Been a long time since you've seen Dave quoted here. Been a long time since Dave's been read here. Dave does not see a president in Donald Trump. However, each of Dave's columns on presidential candidates should come with the readers' advisory that, wince, Dave once saw a president "and a very good president" in a pant crease. Consider this that disclaimer.
With that disclaimer there is greatness here. David Brooks has written a serious, humorous, impassioned, reasoned, soulful, deeply moving brief against Donald Trump. This is true greatness:
...
The question is: Should deference be paid to this victor? Should we bow down to the judgment of these voters?
...
And yet reality is reality.
Donald Trump is epically unprepared to be president. He has no realistic policies, no advisers, no capacity to learn. His vast narcissism makes him a closed fortress. He doesn’t know what he doesn’t know and he’s uninterested in finding out. He insults the office Abraham Lincoln once occupied by running for it with less preparation than most of us would undertake to buy a sofa.
Trump is perhaps the most dishonest person to run for high office in our lifetimes.

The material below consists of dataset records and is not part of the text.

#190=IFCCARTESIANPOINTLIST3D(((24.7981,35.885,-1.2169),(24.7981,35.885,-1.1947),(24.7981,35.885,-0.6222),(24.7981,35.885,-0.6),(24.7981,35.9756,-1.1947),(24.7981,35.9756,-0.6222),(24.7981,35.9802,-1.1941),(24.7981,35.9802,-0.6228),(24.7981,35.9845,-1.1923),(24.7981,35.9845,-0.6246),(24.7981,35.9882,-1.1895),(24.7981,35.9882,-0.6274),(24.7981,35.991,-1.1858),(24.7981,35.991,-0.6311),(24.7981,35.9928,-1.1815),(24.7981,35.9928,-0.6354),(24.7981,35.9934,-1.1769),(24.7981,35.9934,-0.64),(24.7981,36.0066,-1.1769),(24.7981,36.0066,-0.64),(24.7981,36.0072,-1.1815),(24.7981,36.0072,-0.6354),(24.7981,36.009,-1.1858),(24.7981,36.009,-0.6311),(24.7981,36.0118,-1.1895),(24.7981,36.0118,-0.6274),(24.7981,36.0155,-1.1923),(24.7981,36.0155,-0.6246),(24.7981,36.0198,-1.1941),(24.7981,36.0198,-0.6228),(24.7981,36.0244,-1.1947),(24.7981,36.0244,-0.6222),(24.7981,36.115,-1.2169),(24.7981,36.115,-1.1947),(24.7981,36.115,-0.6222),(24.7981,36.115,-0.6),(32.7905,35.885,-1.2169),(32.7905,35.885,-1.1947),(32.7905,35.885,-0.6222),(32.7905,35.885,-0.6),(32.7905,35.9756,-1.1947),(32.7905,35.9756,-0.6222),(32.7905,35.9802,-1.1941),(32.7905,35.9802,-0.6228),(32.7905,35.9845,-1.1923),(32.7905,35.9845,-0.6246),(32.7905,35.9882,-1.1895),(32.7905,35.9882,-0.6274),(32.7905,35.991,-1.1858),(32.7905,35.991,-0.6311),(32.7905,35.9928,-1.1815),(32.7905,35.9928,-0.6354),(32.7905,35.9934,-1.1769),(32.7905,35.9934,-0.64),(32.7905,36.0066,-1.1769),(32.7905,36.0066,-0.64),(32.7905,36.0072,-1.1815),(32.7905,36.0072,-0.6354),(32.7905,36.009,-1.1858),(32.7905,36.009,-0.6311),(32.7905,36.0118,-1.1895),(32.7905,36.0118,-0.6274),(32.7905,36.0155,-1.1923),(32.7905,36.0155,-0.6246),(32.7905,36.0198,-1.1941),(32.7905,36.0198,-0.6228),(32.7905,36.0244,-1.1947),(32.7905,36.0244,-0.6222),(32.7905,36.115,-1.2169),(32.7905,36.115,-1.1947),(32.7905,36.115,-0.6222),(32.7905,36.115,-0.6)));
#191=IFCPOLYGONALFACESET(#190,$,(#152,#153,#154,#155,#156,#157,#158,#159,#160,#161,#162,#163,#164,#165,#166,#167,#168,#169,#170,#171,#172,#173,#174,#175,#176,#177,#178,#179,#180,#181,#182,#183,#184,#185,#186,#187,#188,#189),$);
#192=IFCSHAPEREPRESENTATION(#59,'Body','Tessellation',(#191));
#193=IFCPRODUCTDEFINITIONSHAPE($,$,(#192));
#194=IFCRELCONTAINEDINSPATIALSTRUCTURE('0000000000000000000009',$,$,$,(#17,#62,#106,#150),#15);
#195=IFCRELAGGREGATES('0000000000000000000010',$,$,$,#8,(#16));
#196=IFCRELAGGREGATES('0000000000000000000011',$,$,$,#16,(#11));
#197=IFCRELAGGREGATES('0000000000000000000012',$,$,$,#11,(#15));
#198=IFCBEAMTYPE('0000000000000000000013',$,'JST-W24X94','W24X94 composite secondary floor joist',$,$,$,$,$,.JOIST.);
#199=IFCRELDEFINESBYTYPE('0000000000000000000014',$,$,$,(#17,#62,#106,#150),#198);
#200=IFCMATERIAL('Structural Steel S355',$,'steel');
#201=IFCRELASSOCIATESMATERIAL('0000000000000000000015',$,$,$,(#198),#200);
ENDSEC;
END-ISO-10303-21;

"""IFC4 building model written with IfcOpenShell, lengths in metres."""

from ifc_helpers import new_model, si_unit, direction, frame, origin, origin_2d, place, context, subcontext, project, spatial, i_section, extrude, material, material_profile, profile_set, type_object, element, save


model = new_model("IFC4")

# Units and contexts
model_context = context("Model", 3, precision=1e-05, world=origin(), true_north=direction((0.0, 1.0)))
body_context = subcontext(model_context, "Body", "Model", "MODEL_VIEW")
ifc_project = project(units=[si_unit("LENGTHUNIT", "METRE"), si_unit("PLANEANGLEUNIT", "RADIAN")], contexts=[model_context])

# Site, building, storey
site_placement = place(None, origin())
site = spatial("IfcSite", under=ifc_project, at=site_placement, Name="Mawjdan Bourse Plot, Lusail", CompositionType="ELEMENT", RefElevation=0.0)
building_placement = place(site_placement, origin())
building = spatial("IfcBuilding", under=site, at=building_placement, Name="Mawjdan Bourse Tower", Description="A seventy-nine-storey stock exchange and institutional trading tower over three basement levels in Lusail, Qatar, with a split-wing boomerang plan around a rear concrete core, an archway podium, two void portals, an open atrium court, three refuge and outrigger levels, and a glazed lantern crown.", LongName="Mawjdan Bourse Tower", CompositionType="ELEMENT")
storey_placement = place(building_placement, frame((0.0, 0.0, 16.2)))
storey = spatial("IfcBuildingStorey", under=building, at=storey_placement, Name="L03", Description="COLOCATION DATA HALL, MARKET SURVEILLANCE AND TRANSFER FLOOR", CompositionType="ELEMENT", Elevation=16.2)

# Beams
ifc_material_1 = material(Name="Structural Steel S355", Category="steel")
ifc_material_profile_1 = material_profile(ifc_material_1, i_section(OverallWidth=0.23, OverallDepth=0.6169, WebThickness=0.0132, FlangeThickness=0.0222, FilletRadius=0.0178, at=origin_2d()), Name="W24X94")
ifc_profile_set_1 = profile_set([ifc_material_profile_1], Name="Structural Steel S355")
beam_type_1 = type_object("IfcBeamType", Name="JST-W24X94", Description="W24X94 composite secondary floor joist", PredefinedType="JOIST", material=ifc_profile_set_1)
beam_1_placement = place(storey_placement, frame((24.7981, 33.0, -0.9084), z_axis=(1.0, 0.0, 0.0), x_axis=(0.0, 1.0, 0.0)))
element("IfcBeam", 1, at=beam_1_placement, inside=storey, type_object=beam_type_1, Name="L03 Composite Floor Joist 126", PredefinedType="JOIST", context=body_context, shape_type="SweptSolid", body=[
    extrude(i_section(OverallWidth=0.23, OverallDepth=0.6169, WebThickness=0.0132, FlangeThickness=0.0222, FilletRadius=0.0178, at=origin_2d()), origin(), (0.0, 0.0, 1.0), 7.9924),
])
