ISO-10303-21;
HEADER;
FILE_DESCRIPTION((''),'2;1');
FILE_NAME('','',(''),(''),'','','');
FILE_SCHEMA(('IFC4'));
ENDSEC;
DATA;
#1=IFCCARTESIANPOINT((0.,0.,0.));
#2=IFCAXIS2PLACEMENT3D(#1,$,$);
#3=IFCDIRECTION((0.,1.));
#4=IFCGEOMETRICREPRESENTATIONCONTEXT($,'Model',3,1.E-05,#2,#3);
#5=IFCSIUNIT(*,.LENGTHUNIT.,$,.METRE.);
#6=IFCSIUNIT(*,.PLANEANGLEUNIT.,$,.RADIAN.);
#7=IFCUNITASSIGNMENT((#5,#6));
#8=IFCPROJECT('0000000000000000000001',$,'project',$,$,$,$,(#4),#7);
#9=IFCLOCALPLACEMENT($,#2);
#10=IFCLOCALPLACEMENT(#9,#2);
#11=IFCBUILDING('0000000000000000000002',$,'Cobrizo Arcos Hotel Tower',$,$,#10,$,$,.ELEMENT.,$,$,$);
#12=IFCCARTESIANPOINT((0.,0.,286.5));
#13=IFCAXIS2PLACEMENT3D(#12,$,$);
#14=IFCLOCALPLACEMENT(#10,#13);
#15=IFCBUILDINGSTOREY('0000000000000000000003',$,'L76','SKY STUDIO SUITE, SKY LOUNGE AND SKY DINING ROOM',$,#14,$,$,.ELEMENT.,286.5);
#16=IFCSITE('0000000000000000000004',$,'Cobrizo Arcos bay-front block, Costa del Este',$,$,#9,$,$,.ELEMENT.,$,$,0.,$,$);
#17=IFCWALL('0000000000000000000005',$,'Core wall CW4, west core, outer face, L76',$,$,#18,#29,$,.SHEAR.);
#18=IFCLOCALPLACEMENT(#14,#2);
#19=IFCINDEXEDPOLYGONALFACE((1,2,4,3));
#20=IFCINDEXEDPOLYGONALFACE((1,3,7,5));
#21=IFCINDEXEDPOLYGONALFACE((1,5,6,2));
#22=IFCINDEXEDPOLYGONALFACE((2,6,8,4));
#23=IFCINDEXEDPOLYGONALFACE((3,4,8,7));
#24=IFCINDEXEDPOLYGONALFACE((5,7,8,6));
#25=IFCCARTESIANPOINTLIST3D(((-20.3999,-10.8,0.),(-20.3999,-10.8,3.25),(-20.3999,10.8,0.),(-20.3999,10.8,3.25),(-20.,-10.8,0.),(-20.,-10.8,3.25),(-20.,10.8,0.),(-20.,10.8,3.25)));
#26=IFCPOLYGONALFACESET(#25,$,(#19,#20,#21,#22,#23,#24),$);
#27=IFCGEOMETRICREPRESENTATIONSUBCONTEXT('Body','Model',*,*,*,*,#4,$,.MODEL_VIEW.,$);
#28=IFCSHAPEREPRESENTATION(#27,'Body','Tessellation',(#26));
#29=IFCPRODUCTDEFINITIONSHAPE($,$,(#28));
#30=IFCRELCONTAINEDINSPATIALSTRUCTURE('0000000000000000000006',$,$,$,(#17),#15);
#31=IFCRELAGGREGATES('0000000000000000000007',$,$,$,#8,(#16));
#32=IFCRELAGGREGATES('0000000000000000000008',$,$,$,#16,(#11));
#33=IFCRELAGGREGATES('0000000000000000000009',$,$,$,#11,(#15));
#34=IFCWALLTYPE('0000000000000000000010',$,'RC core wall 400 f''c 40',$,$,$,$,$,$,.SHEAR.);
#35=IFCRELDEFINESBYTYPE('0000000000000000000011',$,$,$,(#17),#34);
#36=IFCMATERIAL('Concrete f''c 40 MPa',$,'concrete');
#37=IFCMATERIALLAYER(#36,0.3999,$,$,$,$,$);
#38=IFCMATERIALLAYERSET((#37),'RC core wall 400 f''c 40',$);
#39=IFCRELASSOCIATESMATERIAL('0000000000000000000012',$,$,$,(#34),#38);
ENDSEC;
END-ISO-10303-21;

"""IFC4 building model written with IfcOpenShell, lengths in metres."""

from ifc_helpers import new_model, si_unit, direction, frame, frame_2d, origin, place, context, subcontext, project, spatial, rectangle, extrude, material, layer, layer_set, type_object, element, save


model = new_model("IFC4")

# Units and contexts
model_context = context("Model", 3, precision=1e-05, world=origin(), true_north=direction((0.0, 1.0)))
body_context = subcontext(model_context, "Body", "Model", "MODEL_VIEW")
ifc_project = project(units=[si_unit("LENGTHUNIT", "METRE"), si_unit("PLANEANGLEUNIT", "RADIAN")], contexts=[model_context])

# Site, building, storey
site_placement = place(None, origin())
site = spatial("IfcSite", under=ifc_project, at=site_placement, Name="Cobrizo Arcos bay-front block, Costa del Este", CompositionType="ELEMENT", RefElevation=0.0)
building_placement = place(site_placement, origin())
building = spatial("IfcBuilding", under=site, at=building_placement, Name="Cobrizo Arcos Hotel Tower", CompositionType="ELEMENT")
storey_placement = place(building_placement, frame((0.0, 0.0, 286.5)))
storey = spatial("IfcBuildingStorey", under=building, at=storey_placement, Name="L76", Description="SKY STUDIO SUITE, SKY LOUNGE AND SKY DINING ROOM", CompositionType="ELEMENT", Elevation=286.5)

# Shared definitions
ifc_material_1 = material(Name="Concrete f'c 40 MPa", Category="concrete")
ifc_layer_1 = layer(ifc_material_1, 0.3999)
ifc_layer_set_1 = layer_set([ifc_layer_1], Name="RC core wall 400 f'c 40")
wall_type_1 = type_object("IfcWallType", Name="RC core wall 400 f'c 40", PredefinedType="SHEAR", material=ifc_layer_set_1)

# Wall
wall_1_placement = place(storey_placement, frame((-20.2, -10.8, 0.0), z_axis=(0.0, 0.0, 1.0), x_axis=(0.0, 1.0, 0.0)))
element("IfcWall", 1, at=wall_1_placement, inside=storey, type_object=wall_type_1, Name="Core wall CW4, west core, outer face, L76", PredefinedType="SHEAR", context=body_context, shape_type="SweptSolid", body=[
    extrude(rectangle(XDim=21.6001, YDim=0.3999, at=frame_2d((10.8, 0.0))), origin(), (0.0, 0.0, 1.0), 3.25),
])

save(model, "model.ifc")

All politicians stretch the truth, but Trump has a steady obliviousness to accuracy.
This week, the Politico reporters Daniel Lippman, Darren Samuelsohn and Isaac Arnsdorf fact-checked 4.6 hours of Trump speeches and press conferences. They found more than five dozen untrue statements, or one every five minutes. “His remarks represent an extraordinary mix of inaccurate claims about domestic and foreign policy and personal and professional boasts that rarely measure up when checked against primary sources,” they wrote.
[One additional disclaimer: fact-checking Mr. Brooks' columns has revealed some non-facts.]

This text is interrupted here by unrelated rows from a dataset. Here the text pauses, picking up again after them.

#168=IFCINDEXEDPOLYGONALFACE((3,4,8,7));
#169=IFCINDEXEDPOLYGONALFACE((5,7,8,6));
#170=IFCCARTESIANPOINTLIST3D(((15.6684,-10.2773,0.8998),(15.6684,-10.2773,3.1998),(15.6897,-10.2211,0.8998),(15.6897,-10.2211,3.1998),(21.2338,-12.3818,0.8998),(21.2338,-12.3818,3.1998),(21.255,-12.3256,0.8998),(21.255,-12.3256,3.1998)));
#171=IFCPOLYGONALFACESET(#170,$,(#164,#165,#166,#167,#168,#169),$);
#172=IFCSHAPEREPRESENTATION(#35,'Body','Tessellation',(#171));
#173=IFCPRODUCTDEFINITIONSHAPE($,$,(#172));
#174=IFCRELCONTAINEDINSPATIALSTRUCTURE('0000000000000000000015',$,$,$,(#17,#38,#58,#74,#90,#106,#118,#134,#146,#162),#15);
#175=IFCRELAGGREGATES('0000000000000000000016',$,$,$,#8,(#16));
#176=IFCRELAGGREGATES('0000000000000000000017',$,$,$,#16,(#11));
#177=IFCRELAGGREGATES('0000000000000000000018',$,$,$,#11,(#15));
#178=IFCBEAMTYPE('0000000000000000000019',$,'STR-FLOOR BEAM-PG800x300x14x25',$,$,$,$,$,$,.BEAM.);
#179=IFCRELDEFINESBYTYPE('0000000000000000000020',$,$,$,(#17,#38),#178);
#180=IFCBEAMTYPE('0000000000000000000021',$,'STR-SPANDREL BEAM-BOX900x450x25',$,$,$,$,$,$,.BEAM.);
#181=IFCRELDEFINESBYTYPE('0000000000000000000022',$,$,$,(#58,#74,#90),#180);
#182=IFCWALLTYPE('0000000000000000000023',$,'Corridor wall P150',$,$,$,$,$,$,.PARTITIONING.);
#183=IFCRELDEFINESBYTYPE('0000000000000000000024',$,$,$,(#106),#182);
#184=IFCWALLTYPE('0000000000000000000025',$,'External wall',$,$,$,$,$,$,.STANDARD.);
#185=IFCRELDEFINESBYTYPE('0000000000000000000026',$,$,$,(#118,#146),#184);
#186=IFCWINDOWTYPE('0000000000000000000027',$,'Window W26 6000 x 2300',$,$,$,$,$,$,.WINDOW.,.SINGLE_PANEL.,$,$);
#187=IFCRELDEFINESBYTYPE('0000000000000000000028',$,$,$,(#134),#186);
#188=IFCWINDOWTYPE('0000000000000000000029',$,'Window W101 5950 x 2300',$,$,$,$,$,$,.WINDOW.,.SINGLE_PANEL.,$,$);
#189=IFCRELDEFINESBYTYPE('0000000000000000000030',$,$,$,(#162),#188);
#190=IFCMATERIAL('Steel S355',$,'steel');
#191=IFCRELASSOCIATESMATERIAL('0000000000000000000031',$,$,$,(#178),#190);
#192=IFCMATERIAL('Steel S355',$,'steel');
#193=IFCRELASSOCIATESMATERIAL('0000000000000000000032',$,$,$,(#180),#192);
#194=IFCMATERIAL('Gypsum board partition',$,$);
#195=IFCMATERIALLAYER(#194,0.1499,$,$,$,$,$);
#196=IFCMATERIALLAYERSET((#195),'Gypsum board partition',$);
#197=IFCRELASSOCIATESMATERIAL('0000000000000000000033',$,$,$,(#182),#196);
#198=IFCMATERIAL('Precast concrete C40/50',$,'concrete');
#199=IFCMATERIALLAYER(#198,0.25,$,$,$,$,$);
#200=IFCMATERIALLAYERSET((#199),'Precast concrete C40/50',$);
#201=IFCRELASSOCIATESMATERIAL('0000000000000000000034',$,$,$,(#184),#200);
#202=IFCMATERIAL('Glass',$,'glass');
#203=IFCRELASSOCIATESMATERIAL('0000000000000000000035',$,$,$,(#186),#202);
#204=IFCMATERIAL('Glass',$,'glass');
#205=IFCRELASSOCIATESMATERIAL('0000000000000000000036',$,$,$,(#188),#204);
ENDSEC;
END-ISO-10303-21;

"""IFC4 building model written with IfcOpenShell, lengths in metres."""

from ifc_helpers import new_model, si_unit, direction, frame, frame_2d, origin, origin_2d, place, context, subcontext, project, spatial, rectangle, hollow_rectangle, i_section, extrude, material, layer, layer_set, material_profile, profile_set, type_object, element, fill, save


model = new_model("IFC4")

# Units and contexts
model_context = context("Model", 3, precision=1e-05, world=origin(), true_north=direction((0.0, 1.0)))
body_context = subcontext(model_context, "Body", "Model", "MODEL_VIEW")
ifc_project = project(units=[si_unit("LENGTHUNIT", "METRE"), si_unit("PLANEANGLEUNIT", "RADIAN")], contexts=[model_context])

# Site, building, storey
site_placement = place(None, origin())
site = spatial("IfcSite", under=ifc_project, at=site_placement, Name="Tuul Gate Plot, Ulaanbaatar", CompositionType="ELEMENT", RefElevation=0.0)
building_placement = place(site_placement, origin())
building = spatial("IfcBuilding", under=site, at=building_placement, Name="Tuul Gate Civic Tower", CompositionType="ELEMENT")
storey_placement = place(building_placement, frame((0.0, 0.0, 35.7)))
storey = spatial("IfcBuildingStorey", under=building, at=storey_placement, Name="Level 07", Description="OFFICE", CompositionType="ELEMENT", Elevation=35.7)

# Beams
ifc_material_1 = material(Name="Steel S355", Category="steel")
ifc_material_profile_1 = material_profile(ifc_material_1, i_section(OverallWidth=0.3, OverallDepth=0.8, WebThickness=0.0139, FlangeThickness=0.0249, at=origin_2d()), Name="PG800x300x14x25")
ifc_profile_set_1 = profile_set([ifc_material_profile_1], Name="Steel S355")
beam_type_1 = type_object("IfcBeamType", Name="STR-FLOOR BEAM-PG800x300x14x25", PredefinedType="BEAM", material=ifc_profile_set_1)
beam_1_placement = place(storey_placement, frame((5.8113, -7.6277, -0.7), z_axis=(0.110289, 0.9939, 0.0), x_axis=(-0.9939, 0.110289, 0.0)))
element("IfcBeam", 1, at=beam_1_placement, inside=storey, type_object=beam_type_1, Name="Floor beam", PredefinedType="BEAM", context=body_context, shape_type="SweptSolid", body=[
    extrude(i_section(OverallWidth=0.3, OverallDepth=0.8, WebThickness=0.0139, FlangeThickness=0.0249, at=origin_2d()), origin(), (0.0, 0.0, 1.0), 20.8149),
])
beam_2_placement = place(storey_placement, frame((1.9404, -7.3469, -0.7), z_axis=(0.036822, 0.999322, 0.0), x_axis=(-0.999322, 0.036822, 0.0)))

He is a childish man running for a job that requires maturity. He is an insecure boasting little boy whose desires were somehow arrested at age 12. He surrounds himself with sycophants. “You can always tell when the king is here,” Trump’s butler told Jason Horowitz in a recent Times profile. He brags incessantly about his alleged prowess, like how far he can hit a golf ball. “Do I hit it long? Is Trump strong?” he asks.
In some rare cases, political victors do not deserve our respect. George Wallace won elections, but to endorse those outcomes would be a moral failure.
And so it is with Trump.
History is a long record of men like him temporarily rising, stretching back to biblical times. Psalm 73 describes them: “Therefore pride is their necklace; they clothe themselves with violence. … They scoff, and speak with malice; with arrogance they threaten oppression. Their mouths lay claim to heaven, and their tongues take possession of the earth. Therefore their people turn to them and drink up waters in abundance.”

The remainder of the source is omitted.